The statistics come after recent damning reports which revealed the staggering scale of how many NHS resources are used treating diabetic patients.

Whether they need help specifically for diabetes or have it as a secondary illness, people with the conditions make up one in 10 of all hospital visits.

There are 5,000 diabetic patients seeking healthcare every day and experts predict that, by 2030, a quarter of all hospital inpatients will have one of the conditions.

In a report released earlier this year, the charity Diabetes UK blames a ‘dramatic rise in obesity rates’ for rising type 2 diagnoses.

WHERE DO DIABETES MEDS COST THE MOST PER PATIENT? 

(Per person average, 2018/19)

WHERE DO DIABETES MEDS COST THE LEAST PER PATIENT? 

(Per person average, 2018/19)

And Tam Fry, chairman of the National Obesity Forum, told MailOnline in September: ‘The fact of the matter is diabetes is increasing year-on-year, which is down essentially to the fact that the Government has not done anything to mitigate obesity, which is the major cause of diabetes. 90 per cent of diabetics have got obesity.’ 

Today’s figures showed that five per cent of all drugs prescribed were given to treat diabetes.

And these made up for 12.5 per cent of all the money spent on prescriptions – a total of £8.63billion.

WHAT IS TYPE 2 DIABETES? 

Type 2 diabetes is a condition which causes a person’s blood sugar to get too high.

At least 4.7million people in the UK are thought to have some form of diabetes.

Type 2 diabetes is associated with being overweight and you may be more likely to get it if it’s in the family.

The condition means the body does not react properly to insulin – the hormone which controls absorption of sugar into the blood – and cannot properly regulate sugar glucose levels in the blood.

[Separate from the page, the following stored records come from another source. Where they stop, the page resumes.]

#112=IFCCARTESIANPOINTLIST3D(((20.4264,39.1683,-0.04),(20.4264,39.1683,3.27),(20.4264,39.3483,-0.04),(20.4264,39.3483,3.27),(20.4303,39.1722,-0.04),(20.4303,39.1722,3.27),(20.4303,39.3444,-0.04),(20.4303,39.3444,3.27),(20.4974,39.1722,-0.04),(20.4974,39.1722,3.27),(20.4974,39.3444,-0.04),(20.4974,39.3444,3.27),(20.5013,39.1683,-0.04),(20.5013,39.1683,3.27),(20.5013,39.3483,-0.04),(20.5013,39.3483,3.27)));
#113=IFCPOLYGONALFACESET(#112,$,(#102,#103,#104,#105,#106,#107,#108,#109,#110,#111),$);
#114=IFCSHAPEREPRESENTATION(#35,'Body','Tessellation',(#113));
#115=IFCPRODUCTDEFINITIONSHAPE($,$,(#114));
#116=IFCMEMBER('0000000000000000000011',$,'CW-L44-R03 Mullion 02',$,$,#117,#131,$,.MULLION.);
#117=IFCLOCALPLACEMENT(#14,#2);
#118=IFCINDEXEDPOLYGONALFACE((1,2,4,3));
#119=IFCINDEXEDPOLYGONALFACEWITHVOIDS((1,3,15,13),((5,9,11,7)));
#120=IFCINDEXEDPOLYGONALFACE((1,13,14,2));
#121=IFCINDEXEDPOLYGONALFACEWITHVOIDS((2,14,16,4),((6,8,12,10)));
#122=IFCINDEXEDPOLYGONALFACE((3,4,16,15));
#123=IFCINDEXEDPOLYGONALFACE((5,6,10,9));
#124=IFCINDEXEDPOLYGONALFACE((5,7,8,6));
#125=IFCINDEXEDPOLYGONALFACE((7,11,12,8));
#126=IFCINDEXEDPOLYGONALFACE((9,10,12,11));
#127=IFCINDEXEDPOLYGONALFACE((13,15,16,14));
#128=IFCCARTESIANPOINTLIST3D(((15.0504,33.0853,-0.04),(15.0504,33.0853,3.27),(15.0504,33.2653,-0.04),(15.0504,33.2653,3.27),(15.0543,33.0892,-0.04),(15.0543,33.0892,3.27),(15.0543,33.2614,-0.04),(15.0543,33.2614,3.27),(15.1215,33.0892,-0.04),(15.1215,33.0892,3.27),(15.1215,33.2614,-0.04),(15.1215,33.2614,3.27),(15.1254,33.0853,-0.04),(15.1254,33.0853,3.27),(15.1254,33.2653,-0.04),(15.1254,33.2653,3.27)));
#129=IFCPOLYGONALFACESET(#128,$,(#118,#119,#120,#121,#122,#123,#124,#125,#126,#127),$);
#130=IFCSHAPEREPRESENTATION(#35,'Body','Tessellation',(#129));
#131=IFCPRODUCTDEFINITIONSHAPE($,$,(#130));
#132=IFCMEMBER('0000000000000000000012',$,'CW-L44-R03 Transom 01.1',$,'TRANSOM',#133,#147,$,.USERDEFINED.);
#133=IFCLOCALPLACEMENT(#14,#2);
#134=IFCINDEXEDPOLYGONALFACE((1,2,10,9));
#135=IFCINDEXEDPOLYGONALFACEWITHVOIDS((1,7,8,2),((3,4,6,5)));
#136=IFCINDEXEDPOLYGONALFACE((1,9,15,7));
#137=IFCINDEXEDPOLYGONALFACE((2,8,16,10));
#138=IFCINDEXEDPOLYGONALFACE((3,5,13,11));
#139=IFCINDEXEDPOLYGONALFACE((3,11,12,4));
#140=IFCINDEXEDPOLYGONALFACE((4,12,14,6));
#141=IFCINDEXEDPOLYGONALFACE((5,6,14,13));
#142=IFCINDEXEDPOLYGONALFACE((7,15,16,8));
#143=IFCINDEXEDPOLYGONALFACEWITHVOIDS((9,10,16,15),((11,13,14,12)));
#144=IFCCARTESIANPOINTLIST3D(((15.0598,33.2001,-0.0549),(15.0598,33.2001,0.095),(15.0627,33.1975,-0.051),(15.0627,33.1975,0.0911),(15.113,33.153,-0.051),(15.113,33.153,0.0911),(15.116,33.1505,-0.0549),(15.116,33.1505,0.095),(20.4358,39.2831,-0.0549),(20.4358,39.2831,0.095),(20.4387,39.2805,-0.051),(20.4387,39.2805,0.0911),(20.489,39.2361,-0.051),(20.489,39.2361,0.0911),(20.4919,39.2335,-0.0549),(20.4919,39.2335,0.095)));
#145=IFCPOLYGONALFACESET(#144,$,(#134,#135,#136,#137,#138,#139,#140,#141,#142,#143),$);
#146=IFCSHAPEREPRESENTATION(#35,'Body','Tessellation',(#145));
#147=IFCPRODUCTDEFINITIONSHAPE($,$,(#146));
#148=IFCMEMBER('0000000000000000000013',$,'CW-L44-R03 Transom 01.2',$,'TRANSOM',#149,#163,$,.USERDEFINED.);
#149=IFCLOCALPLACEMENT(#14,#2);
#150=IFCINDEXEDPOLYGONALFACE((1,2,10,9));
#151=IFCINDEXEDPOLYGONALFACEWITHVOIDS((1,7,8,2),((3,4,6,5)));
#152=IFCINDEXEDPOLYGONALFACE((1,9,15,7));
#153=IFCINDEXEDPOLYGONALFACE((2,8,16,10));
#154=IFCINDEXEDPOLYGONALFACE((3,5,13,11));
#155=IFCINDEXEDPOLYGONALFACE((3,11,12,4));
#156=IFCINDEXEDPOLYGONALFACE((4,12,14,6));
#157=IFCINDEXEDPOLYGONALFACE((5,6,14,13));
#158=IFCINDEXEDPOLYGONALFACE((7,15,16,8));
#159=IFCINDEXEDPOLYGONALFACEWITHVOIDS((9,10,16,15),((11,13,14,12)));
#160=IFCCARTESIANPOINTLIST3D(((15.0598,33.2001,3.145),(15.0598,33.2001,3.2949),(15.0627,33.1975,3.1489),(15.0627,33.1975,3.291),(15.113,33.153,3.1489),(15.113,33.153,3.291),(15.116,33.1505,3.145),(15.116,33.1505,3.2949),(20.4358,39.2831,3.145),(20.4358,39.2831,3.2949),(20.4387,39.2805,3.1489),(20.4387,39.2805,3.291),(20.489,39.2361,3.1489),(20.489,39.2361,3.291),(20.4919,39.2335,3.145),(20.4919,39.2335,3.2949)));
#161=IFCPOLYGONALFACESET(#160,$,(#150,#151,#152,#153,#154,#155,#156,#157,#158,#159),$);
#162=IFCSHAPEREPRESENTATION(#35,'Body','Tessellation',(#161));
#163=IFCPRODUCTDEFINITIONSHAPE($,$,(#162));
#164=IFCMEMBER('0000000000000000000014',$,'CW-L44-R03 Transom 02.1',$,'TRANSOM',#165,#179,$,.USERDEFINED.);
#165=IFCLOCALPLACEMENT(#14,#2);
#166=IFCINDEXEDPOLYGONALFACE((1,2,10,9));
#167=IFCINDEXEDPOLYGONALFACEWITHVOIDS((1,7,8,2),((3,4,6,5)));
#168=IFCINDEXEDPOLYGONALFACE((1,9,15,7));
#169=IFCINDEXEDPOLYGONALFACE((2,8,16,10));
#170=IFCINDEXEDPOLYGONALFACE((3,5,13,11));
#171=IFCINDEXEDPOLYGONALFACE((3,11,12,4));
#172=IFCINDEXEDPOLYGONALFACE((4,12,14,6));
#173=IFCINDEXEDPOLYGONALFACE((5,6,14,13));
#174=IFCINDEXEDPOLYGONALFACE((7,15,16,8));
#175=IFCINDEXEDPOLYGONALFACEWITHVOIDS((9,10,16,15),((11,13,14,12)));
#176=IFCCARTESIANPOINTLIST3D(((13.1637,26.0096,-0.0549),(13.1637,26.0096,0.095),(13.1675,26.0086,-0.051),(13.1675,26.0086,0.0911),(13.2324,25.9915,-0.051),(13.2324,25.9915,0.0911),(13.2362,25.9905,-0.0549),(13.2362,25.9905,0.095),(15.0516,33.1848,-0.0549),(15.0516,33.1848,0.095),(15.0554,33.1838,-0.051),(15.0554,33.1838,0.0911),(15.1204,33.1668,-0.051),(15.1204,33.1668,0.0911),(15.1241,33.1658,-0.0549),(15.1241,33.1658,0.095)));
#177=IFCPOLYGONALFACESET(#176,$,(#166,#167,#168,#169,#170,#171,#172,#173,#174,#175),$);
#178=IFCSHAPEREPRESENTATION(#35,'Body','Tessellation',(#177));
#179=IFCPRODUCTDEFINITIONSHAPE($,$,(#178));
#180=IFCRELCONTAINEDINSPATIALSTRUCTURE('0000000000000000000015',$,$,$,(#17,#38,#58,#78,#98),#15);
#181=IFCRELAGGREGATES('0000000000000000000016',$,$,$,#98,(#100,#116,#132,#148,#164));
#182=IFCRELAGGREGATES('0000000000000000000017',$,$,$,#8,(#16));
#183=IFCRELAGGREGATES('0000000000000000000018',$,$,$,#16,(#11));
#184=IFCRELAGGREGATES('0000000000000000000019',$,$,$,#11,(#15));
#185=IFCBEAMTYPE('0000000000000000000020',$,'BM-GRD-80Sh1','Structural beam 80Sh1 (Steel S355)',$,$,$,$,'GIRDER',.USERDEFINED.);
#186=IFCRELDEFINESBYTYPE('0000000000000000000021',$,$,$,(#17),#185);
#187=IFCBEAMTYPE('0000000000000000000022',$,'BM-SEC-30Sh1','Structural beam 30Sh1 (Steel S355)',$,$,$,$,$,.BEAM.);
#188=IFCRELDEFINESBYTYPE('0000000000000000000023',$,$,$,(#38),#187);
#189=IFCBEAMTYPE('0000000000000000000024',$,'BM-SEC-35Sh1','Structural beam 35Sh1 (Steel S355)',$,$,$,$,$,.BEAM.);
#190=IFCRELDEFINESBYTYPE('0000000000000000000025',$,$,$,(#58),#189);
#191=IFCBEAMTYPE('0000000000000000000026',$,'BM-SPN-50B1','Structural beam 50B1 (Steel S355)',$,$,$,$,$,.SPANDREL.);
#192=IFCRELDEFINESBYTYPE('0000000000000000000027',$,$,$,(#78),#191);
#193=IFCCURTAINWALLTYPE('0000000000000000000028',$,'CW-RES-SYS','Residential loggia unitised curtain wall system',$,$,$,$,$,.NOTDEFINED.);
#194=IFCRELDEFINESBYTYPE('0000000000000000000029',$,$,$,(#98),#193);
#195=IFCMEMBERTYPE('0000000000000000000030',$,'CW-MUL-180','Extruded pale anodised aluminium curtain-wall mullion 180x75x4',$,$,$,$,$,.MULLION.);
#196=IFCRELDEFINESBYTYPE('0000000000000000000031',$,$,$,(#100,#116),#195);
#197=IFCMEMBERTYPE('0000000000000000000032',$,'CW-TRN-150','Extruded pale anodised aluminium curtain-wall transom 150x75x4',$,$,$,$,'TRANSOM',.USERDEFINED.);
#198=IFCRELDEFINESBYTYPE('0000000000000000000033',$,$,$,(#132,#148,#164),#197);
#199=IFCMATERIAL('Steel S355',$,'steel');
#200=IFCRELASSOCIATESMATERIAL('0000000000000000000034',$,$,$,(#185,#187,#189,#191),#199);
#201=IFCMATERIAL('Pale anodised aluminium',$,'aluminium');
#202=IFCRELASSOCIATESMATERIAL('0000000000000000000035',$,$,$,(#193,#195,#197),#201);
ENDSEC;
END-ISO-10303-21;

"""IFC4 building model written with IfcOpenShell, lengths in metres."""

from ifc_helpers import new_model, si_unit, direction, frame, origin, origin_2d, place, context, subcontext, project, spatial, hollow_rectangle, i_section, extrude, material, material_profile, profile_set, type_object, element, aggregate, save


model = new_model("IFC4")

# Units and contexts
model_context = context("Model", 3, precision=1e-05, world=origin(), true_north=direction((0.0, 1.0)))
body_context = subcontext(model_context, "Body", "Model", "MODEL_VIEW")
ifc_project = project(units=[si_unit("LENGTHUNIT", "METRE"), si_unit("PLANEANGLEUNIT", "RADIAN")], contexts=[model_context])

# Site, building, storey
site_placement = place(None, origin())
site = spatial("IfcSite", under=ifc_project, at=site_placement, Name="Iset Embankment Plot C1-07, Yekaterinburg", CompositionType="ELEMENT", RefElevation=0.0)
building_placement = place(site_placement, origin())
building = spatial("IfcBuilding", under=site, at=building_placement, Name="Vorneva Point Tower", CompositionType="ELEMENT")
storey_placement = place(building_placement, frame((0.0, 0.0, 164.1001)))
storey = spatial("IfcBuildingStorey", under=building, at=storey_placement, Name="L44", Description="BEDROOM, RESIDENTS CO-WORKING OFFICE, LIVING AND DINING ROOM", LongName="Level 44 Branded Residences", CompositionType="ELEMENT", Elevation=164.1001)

Excess fat in the liver increases the risk of developing type 2 diabetes as the buildup makes it harder to control glucose levels, and also makes the body more resistant to insulin. 

Weight loss is the key to reducing liver fat and getting symptoms under control.

Symptoms include tiredness, feeling thirsty, and frequent urination.

It can lead to more serious problems with nerves, vision and the heart.

Treatment usually involves changing your diet and lifestyle, but more serious cases may require medication.